L’opera, condannata dal papato, dal parlamento parigino e dalla Sorbona, conteneva un’idea assolutamente rivoluzionaria: gli uomini nascono uguali e le differenze derivano dall’ambiente in cui vivono e dall’educazione che ricevono.
In particolare “l’ineguaglianza di spirito che si riscontra tra gli uomini dipende dunque dal governo sotto il quale vivono, dal secolo, più o meno felice, in cui nascono, dall’educazione più o meno buona che ricevono”.
Come dare torto ad Helvétius? Gli uomini nascono uguali e la vita li rende differenti, questo è in soldoni, ma proprio in soldoni, il messaggio dell’illustre enciclopedista.
La nostra è un’uguaglianza faticosamente raggiunta per il diritto all’istruzione, per il diritto alla salute, per il diritto alle pari opportunità e per mille altri diritti ancora… insomma, un’uguaglianza codificata… una sorta di welfare state…
E se il welfare state viene meno, il diritto all’uguaglianza è comunque garantito? La risposta è sotto i nostri occhi…
Allora è chiaro che l’uguaglianza, prima che essere un obiettivo economico e sociale, è un obiettivo educativo, senza alcun dubbio.

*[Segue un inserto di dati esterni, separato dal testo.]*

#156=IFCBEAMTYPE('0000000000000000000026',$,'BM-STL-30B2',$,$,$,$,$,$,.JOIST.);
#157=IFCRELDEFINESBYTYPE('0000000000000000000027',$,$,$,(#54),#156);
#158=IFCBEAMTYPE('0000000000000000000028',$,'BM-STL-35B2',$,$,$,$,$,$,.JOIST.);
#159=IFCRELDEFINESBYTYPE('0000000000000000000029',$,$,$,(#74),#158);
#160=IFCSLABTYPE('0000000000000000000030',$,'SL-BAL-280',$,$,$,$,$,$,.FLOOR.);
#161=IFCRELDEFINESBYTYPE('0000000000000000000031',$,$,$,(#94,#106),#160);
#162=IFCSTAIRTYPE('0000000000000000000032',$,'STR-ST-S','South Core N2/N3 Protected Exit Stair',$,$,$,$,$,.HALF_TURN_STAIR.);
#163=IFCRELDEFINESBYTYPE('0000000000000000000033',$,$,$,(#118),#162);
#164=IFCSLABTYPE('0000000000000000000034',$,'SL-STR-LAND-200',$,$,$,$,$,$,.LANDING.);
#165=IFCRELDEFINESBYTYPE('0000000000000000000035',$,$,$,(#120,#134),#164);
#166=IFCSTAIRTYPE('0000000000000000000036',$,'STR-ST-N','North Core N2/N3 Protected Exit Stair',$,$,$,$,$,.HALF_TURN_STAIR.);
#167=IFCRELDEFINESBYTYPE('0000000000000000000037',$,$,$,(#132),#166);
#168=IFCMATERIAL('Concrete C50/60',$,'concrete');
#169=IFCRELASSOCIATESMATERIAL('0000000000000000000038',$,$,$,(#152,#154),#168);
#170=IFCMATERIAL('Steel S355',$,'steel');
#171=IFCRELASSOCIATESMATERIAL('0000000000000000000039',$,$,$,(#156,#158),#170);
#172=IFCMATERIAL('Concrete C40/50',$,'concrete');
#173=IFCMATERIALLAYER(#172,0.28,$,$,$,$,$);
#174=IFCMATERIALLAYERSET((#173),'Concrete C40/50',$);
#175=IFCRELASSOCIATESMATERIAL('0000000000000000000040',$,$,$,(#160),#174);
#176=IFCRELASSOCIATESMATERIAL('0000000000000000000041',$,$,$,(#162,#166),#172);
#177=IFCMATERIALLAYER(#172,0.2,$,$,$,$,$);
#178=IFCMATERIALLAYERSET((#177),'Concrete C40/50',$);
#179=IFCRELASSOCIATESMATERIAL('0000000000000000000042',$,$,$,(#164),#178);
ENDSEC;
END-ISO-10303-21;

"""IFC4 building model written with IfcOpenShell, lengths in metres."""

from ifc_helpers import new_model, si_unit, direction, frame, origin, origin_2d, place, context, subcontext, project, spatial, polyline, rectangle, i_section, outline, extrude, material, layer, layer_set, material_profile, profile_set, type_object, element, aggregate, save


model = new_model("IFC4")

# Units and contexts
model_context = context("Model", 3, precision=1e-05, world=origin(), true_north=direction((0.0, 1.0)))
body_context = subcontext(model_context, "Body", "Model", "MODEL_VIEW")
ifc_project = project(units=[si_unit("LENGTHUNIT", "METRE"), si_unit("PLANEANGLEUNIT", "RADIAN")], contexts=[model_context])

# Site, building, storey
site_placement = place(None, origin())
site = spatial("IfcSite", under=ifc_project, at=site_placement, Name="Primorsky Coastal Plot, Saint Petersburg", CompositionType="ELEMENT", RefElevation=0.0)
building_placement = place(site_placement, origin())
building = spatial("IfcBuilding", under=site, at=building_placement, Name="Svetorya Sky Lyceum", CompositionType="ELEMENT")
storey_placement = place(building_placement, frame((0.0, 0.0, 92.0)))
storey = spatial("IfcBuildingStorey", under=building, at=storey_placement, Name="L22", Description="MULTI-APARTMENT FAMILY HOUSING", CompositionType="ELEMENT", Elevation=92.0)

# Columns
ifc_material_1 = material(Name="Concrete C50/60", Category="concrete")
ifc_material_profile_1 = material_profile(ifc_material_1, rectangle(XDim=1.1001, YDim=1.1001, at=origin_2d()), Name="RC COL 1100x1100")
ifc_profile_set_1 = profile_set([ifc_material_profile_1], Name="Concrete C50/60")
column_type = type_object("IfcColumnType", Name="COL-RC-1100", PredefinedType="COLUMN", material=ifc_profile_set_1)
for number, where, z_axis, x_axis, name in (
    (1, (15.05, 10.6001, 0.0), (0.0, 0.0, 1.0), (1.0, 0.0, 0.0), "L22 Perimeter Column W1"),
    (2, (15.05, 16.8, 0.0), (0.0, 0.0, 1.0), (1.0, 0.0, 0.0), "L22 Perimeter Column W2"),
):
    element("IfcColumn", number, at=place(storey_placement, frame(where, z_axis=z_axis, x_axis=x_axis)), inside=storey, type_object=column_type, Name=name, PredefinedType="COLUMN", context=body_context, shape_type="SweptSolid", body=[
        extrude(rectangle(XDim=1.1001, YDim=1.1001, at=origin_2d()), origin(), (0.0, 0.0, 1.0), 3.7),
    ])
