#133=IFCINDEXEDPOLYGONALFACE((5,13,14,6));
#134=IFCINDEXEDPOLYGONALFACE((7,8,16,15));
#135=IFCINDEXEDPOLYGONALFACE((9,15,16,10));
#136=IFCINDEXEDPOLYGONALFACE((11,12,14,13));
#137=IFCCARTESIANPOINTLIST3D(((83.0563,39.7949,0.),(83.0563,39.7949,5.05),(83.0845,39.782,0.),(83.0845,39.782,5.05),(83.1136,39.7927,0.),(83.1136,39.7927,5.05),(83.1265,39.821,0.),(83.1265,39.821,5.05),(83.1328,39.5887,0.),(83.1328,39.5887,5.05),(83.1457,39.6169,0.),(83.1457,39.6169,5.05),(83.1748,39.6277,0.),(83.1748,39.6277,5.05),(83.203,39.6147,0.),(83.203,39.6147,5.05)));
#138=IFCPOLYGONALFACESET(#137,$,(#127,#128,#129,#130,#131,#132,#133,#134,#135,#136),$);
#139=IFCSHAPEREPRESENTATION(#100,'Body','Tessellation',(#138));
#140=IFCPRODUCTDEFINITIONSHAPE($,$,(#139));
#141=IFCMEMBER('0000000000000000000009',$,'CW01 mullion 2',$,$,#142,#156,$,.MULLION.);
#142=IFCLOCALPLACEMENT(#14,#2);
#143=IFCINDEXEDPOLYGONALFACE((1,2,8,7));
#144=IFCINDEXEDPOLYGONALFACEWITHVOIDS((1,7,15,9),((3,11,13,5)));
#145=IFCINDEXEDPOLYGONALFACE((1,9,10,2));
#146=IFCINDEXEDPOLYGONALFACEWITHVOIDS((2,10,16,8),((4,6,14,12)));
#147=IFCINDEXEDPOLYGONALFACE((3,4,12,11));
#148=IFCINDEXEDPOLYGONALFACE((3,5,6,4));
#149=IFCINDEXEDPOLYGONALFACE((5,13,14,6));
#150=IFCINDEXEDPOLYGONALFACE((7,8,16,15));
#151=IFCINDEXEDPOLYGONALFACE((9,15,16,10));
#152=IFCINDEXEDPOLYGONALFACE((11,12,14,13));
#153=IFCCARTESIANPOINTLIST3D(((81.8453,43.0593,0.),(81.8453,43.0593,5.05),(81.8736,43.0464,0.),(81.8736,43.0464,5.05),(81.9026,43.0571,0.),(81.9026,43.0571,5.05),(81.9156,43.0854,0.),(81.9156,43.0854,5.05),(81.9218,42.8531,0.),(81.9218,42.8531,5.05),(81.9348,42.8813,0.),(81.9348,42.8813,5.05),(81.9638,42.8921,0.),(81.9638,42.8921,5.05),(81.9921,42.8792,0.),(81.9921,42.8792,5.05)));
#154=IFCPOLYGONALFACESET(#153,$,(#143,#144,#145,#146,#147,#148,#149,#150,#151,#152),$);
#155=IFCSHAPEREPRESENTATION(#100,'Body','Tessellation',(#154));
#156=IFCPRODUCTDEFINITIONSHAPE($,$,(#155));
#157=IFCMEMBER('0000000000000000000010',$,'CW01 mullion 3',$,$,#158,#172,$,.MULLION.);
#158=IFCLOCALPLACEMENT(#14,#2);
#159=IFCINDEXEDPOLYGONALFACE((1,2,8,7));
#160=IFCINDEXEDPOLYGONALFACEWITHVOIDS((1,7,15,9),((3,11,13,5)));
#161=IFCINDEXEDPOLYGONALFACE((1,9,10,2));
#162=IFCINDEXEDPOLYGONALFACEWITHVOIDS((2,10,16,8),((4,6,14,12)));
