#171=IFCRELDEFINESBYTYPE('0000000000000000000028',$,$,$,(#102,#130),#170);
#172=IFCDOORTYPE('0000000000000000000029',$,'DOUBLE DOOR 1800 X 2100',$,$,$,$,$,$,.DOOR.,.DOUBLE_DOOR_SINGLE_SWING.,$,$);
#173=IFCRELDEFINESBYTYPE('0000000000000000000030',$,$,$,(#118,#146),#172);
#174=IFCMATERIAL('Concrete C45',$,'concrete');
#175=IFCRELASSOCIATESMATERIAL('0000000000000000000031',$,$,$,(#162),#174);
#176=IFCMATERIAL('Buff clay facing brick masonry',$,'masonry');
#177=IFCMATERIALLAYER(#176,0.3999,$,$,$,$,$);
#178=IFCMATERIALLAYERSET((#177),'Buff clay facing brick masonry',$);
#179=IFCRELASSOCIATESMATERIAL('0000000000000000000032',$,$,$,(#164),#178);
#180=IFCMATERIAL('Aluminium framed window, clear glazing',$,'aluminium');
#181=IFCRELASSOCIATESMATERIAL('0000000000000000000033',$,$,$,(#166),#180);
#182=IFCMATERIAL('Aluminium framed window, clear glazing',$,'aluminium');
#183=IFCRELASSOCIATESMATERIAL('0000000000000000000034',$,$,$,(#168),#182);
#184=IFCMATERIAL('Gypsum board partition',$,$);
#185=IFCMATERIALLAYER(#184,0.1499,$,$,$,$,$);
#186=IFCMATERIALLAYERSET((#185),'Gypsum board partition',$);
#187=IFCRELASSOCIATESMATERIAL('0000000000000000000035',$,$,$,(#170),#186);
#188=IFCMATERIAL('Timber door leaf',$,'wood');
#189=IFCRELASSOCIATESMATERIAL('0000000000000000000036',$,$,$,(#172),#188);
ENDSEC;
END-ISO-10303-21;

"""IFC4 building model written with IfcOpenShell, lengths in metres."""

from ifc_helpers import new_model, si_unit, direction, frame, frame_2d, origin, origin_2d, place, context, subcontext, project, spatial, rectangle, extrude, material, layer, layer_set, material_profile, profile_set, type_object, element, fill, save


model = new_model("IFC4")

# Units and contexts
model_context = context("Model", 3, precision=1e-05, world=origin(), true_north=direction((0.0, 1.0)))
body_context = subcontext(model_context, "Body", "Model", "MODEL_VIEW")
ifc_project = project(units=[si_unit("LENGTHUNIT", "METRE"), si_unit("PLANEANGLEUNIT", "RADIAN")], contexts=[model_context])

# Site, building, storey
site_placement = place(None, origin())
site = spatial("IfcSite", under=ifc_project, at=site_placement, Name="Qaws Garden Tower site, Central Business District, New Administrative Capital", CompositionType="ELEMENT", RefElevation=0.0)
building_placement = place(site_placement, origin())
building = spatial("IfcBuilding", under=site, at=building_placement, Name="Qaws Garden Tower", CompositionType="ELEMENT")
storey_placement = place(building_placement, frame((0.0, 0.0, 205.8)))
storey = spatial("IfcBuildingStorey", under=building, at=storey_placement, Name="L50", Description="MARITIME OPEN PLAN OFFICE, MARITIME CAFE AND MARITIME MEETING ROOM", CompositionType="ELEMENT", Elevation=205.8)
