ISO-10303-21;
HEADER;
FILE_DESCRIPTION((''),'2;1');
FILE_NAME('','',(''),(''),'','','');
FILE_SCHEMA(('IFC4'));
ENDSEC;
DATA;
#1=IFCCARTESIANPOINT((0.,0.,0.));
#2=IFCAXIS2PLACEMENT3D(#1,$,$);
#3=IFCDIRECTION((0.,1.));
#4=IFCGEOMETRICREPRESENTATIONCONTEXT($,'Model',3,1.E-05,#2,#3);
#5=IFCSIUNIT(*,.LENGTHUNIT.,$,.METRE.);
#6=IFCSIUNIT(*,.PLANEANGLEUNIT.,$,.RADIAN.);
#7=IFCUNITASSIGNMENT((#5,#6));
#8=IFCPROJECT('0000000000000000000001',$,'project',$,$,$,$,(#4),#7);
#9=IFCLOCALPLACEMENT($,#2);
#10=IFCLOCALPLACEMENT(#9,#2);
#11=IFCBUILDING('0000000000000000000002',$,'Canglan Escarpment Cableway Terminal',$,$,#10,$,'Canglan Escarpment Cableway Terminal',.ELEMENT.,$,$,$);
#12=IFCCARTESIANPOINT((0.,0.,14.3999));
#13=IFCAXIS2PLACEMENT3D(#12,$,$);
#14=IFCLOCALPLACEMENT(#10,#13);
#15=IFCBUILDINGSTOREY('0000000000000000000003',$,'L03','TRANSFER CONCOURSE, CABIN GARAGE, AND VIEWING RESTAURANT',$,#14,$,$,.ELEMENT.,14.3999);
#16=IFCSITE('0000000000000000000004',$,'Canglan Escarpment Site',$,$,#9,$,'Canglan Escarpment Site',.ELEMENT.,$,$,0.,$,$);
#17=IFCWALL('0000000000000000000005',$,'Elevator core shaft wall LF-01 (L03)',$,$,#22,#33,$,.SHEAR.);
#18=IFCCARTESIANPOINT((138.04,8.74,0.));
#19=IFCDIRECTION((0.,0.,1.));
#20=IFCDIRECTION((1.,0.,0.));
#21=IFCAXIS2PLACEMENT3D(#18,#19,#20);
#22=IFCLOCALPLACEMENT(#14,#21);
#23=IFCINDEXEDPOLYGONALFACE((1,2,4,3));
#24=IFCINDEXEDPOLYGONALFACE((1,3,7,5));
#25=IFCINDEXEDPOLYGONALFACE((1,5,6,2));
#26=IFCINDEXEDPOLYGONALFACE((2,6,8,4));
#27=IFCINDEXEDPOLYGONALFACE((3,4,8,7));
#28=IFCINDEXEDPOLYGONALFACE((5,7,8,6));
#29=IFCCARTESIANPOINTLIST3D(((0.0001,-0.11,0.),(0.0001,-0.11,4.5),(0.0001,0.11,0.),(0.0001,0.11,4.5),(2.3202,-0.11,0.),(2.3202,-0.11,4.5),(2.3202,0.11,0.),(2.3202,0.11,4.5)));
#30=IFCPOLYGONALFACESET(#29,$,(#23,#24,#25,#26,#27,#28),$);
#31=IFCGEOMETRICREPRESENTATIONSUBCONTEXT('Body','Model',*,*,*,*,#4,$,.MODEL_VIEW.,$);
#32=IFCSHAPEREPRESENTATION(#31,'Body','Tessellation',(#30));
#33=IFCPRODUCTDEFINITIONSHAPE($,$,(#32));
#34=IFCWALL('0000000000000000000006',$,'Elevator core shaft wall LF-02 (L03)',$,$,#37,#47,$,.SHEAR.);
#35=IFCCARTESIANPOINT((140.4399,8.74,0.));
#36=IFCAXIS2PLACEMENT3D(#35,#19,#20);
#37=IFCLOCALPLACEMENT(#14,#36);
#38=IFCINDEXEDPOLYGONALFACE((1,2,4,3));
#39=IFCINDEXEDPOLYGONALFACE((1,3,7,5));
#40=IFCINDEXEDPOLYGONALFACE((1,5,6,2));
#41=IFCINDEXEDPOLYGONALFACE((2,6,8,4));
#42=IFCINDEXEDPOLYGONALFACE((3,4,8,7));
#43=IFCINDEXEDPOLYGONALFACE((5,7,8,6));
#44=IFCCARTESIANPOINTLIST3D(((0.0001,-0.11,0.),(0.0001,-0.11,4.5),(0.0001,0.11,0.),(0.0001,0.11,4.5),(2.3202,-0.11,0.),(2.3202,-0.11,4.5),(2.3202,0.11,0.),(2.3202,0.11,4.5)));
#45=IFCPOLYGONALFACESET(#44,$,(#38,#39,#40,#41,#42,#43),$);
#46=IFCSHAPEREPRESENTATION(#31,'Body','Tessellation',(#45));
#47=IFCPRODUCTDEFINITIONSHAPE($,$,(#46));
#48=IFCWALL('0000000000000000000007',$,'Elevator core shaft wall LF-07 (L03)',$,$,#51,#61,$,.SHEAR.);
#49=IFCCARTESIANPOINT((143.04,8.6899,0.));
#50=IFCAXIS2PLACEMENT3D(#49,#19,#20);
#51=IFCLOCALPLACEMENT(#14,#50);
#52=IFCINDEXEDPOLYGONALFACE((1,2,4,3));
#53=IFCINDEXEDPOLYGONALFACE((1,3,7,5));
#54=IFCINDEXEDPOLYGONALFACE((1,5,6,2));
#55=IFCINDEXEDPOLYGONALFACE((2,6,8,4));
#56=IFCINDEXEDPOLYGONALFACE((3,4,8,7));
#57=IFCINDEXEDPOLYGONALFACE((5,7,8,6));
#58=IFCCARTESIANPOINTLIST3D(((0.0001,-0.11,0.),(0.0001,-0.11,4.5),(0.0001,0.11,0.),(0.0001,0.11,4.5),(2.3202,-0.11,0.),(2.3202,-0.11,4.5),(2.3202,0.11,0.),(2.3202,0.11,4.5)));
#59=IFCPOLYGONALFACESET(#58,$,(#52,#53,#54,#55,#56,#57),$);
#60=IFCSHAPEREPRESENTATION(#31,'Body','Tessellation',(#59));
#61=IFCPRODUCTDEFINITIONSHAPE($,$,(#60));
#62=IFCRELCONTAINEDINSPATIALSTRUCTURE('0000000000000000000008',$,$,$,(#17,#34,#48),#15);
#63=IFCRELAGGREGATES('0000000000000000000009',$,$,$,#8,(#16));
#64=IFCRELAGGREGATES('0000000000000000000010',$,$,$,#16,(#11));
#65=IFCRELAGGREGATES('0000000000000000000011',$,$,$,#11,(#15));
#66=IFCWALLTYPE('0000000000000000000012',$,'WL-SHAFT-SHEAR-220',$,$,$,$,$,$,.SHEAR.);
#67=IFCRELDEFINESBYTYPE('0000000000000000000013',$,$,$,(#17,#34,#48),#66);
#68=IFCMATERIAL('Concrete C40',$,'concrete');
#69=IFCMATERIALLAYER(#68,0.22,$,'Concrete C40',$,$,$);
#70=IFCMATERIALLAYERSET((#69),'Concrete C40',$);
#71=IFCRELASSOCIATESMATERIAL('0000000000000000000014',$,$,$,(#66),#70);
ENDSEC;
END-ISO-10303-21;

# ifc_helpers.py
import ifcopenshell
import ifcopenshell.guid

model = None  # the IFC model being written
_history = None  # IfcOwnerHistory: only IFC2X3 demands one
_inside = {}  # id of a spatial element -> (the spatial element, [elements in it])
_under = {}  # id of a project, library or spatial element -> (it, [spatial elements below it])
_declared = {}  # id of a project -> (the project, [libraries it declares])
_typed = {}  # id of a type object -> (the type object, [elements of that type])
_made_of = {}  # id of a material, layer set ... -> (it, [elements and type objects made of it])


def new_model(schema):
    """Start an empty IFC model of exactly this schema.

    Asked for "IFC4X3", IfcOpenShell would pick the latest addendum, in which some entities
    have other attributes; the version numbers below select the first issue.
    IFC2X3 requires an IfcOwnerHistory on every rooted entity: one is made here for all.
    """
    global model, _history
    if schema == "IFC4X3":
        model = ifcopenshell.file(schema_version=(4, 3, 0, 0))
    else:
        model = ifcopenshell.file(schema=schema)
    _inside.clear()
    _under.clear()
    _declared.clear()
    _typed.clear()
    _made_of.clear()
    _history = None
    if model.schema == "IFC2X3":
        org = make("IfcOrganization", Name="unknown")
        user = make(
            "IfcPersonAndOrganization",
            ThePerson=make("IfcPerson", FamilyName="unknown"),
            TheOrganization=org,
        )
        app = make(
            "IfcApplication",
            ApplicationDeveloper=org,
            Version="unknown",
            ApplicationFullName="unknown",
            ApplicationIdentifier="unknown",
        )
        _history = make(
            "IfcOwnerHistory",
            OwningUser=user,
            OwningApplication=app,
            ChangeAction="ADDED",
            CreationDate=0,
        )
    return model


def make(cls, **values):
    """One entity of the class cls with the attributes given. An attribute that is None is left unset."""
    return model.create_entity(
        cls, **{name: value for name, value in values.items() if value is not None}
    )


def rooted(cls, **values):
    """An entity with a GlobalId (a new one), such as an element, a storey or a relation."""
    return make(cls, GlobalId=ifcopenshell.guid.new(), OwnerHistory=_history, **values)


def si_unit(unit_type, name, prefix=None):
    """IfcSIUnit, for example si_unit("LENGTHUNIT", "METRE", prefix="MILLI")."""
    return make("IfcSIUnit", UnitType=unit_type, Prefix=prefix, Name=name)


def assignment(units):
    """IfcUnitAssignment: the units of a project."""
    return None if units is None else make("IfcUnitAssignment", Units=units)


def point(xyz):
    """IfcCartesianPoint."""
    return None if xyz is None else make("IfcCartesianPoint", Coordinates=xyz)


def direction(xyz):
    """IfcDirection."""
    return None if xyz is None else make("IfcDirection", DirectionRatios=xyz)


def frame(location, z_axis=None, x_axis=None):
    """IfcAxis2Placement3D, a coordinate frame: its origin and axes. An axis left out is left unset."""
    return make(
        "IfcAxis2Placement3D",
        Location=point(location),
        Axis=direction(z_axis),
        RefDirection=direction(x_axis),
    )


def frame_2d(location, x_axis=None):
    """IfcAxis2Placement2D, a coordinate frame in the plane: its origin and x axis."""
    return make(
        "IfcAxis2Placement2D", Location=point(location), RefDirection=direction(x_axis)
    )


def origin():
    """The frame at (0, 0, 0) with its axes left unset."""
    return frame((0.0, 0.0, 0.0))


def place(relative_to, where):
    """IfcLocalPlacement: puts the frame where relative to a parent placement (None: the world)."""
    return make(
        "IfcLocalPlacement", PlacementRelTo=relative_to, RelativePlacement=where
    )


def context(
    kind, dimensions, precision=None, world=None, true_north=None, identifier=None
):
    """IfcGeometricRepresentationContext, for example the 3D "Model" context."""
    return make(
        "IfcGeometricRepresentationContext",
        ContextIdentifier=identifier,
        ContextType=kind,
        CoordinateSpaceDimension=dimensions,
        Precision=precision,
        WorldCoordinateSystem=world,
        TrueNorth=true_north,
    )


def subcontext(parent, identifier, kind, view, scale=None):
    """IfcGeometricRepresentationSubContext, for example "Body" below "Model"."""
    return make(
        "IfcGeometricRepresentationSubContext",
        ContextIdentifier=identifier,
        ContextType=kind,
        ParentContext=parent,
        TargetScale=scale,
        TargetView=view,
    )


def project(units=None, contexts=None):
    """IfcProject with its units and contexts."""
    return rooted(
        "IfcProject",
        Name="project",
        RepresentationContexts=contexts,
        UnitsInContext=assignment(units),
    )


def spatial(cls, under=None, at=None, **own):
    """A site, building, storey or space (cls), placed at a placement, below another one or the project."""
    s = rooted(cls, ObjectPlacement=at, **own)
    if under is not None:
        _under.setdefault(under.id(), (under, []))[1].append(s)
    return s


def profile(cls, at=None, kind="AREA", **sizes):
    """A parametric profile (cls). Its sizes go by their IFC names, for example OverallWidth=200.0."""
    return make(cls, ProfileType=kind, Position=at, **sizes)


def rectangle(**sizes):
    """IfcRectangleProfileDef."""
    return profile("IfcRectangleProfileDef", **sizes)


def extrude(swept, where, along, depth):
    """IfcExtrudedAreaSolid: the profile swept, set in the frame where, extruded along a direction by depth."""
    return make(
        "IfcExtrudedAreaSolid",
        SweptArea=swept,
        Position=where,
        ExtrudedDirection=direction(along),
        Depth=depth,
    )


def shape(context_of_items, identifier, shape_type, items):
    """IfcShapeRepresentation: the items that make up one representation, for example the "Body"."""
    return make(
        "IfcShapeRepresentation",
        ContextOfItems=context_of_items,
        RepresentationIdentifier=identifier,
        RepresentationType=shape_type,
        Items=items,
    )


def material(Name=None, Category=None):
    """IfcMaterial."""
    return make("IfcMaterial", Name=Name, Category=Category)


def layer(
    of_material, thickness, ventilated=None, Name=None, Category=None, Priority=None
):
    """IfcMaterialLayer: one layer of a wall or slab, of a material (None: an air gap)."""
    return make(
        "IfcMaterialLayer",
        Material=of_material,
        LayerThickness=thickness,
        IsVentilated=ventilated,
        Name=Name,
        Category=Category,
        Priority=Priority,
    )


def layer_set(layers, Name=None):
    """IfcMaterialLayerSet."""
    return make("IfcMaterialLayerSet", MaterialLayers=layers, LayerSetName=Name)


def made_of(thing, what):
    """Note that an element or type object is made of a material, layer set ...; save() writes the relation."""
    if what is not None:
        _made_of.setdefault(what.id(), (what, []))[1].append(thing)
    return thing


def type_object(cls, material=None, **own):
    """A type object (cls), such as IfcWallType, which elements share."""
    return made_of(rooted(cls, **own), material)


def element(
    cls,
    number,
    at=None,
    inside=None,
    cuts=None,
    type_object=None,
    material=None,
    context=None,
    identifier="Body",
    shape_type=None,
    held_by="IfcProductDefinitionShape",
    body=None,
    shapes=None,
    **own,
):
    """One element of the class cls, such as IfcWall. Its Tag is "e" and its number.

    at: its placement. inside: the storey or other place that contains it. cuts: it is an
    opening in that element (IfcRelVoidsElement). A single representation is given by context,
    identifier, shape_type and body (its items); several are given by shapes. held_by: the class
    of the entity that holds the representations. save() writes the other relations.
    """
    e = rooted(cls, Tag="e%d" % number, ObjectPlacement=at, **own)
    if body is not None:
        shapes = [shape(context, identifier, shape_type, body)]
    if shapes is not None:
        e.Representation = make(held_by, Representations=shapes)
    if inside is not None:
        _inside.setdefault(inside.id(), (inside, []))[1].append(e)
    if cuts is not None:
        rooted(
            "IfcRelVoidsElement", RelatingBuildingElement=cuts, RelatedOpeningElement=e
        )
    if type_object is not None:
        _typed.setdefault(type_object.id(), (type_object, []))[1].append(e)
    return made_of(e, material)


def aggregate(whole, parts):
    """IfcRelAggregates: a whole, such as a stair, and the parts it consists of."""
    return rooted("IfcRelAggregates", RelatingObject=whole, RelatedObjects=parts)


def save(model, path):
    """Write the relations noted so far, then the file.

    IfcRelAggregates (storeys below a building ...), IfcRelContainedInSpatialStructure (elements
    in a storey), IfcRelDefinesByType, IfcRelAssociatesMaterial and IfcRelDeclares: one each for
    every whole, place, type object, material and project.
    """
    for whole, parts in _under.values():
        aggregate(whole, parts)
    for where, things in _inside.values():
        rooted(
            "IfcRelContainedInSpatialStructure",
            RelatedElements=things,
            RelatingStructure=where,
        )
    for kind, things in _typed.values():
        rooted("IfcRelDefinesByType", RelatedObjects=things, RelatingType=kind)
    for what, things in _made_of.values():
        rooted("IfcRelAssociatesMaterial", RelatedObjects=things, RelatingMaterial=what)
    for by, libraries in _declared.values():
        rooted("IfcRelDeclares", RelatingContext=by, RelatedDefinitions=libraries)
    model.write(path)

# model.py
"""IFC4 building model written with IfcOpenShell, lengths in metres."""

from ifc_helpers import new_model, si_unit, direction, frame, frame_2d, origin, place, context, subcontext, project, spatial, rectangle, extrude, material, layer, layer_set, type_object, element, save


model = new_model("IFC4")

# Units and contexts
model_context = context("Model", 3, precision=1e-05, world=origin(), true_north=direction((0.0, 1.0)))
body_context = subcontext(model_context, "Body", "Model", "MODEL_VIEW")
ifc_project = project(units=[si_unit("LENGTHUNIT", "METRE"), si_unit("PLANEANGLEUNIT", "RADIAN")], contexts=[model_context])

# Site, building, storey
site_placement = place(None, origin())
site = spatial("IfcSite", under=ifc_project, at=site_placement, Name="Canglan Escarpment Site", LongName="Canglan Escarpment Site", CompositionType="ELEMENT", RefElevation=0.0)
building_placement = place(site_placement, origin())
building = spatial("IfcBuilding", under=site, at=building_placement, Name="Canglan Escarpment Cableway Terminal", LongName="Canglan Escarpment Cableway Terminal", CompositionType="ELEMENT")
storey_placement = place(building_placement, frame((0.0, 0.0, 14.3999)))
storey = spatial("IfcBuildingStorey", under=building, at=storey_placement, Name="L03", Description="TRANSFER CONCOURSE, CABIN GARAGE, AND VIEWING RESTAURANT", CompositionType="ELEMENT", Elevation=14.3999)

# Shared definitions
ifc_material_1 = material(Name="Concrete C40", Category="concrete")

Serena Peterlin ha detto...

Se l'obiettivo di educare all'eguaglianza fosse raggiunto sarebbero gli uguali a difenderla ed esigerla per primi.
Anche se l'esempio che sto per fare è marginale chi non ha mai detto o sentito dire e rinfacciare(sia da studente, sia da genitore sia da insegnante) "però non è giusto che io sia trattato diversamente da...?"
Dico che l'esempio è marginale perché non stiamo parlando solo di questo tipo di uguaglianza, forse questo esempio è più adatto a ciò che potremmo definire "percezione di eguaglianza". Tuttavia è un sintomo.
L'affermazione di Helvétius è importantissima, la condivido pienamente e trovo sia più che mai attuale.

Fermina Daza ha detto...

“La percezione di eguaglianza” spesso viene superata dalla “percezione della discriminazione”.
E parliamo pure della scuola, il luogo in cui la discriminazione culturale si fa più evidente.
Sempre più il successo scolastico dipende dalla condizione socioculturale degli allievi e non dalle effettive capacità possedute.
Non sempre la scuola riesce a farsi carico delle esigenze dei “meno fortunati” … Affermazione scontata, certo, ma vera, assolutamente vera.
Se un alunno riesce a dire “però non è giusto che io sia trattato diversamente da…” vuol dire che si percepisce come soggetto avente diritto… è un buon inizio!
E quando l’alunno non lo reclama questo diritto? Timidezza o percezione della discriminazione?
Sempre meno gli alunni reagiscono alla discriminazione con la ribellione, sempre più spesso preferiscono il silenzio.